Sir John James Cowperthwaite, who as financial secretary guided Hong Kong to undreamed of prosperity, banned the collection of economic statistics since “they might encourage people to interfere in the economy”!

I referred above to the so-called “Cantillon effect” of what must happen whenever vast quantities of fake money are injected into the banking system. The point is that this imposter, the new money masquerading as legal tender for all, must go somewhere, and its first receivers can’t get rid of it quickly enough – almost as if their recognition of its falsity impels them to convert it into tangibles – usually property, property-based equities, commodities and luxury baubles of every description – before the riches nouveau evaporate before their very eyes.

And it is hardly surprising that this swirling money-fountain also explains the vastly inflated executive pay packages that sicken observant onlookers to the core. The disgust felt by any rational citizen beholding the multiples of largesse that can scarcely be claimed as having been earned, is a public disgrace and a scourge on the wider-working community.
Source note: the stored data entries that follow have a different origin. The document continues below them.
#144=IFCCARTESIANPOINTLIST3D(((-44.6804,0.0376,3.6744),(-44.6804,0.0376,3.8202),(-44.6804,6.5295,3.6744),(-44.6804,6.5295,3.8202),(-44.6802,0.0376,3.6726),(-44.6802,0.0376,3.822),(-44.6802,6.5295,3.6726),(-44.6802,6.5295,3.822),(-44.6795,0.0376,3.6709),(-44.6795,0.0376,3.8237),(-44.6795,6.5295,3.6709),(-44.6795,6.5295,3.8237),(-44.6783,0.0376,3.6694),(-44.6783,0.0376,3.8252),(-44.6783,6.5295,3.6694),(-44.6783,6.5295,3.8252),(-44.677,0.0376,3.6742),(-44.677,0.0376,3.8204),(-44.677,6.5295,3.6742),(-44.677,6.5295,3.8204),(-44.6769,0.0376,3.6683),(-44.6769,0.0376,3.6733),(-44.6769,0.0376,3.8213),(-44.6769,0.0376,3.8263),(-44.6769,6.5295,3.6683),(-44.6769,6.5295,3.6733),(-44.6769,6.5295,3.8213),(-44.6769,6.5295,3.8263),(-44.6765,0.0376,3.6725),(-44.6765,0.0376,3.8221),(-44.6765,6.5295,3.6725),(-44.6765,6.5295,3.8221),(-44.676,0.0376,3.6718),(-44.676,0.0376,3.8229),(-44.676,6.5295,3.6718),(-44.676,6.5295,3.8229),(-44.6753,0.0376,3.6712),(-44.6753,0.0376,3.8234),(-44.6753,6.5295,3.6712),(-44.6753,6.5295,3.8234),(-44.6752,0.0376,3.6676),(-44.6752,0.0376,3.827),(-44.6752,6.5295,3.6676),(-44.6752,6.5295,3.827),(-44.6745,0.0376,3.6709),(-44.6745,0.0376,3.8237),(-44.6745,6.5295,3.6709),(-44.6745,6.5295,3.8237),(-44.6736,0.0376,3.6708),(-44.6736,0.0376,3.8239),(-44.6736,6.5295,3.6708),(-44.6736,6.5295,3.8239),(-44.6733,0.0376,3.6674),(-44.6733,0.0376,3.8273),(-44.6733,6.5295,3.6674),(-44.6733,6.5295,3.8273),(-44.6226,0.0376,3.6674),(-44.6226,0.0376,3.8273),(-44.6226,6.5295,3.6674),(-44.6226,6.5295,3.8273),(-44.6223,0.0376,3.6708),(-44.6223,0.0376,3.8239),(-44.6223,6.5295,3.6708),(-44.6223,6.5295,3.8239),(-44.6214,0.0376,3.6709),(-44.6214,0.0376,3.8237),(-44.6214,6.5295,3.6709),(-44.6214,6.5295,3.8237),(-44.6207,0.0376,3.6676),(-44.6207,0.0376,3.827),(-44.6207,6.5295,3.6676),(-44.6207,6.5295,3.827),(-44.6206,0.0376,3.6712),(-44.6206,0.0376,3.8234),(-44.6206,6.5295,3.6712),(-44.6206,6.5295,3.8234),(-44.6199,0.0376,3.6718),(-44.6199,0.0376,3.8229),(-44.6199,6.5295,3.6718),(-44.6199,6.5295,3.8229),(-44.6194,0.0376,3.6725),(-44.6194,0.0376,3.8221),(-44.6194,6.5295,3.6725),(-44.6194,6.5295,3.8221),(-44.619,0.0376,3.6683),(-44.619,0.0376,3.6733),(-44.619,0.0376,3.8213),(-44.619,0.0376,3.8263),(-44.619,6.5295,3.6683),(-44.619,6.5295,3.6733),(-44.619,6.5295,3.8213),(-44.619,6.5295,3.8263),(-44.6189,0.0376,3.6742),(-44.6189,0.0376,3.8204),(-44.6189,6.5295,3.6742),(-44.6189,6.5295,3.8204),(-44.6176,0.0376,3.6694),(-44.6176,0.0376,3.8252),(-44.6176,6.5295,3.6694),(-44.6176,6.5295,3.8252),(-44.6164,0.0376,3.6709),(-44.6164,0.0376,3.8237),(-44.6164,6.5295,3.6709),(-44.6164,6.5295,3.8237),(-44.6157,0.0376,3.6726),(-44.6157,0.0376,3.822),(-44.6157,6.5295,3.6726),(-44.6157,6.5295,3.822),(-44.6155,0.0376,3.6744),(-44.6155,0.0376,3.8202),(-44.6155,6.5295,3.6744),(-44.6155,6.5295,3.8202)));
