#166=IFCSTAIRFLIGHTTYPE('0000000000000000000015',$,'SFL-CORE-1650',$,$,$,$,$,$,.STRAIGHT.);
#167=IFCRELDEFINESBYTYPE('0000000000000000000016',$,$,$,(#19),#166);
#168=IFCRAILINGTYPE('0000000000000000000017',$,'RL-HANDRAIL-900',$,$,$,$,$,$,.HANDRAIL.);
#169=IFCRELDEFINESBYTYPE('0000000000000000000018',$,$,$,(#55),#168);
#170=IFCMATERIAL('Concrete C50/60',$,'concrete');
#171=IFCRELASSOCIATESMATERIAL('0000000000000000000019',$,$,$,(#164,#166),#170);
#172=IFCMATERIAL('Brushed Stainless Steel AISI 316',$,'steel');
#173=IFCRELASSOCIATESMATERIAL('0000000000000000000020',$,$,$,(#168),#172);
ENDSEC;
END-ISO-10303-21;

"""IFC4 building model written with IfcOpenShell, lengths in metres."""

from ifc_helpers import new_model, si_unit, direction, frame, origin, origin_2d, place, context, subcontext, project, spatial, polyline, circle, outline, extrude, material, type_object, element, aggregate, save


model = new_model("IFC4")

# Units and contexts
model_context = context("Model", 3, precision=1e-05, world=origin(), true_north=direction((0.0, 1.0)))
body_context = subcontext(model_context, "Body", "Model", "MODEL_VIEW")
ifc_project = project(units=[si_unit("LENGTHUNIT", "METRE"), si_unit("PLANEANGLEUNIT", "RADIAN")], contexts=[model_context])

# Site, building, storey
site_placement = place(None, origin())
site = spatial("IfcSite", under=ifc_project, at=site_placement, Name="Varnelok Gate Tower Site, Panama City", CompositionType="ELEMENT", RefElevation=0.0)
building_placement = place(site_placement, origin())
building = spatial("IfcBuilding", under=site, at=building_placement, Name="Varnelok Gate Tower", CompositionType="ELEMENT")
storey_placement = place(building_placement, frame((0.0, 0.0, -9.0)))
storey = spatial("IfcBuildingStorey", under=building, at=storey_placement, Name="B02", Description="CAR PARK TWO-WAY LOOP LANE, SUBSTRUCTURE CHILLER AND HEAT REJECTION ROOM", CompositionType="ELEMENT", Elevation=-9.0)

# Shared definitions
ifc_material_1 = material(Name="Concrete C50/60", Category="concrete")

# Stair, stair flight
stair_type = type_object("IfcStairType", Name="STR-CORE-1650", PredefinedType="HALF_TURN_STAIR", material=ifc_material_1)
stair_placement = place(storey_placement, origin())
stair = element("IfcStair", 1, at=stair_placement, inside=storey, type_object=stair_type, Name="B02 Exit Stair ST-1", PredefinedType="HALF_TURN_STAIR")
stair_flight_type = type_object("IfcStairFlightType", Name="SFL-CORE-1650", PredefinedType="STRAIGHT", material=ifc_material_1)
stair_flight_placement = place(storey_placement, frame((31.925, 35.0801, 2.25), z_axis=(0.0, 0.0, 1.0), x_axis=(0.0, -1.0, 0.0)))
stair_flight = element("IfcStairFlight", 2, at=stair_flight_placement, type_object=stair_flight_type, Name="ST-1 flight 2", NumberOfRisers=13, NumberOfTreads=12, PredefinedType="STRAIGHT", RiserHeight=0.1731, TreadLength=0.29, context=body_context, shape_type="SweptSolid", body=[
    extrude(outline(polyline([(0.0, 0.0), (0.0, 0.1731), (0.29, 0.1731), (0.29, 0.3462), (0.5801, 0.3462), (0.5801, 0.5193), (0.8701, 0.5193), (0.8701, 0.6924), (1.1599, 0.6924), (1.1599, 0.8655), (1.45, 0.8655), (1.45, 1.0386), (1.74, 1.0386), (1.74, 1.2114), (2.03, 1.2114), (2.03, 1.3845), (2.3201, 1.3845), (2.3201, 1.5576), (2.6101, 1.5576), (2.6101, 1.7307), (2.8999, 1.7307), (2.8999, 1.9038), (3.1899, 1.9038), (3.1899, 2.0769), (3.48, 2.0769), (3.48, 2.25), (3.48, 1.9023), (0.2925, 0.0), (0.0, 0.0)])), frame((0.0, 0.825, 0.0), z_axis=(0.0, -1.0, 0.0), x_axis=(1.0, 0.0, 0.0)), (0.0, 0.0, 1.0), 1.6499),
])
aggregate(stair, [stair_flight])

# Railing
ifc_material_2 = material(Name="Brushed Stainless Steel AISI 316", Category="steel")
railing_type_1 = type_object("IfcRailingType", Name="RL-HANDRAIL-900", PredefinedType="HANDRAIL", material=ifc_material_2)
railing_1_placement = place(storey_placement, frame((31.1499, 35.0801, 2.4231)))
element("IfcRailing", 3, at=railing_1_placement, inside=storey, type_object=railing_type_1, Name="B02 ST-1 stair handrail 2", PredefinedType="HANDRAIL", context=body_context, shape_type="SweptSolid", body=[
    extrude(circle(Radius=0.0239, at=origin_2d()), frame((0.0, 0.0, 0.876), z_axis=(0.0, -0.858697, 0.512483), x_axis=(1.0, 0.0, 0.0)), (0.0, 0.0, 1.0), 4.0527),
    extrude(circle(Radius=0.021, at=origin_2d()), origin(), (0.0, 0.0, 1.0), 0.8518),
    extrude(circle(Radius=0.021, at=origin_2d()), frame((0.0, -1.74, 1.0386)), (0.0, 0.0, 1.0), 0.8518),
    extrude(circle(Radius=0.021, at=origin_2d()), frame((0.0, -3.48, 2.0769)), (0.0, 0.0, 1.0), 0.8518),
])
Cantillon & the rich/poor gap

 

The phenomenon is rampant internationally too. I have referred to the catastrophic level of currency debasement in South Africa – again due to perennial money printing on a massive scale by its central bank. The Cantillon effect of benefitting the first receivers accounts for the fact that the richest 10 per cent of South Africans (less than half of them white) own almost 95 per cent of the country’s wealth.

Who would have guessed that the cause of this socially divisive phenomenon lies not with corrupted remuneration committees, but with their countries’ treasuries and central banks?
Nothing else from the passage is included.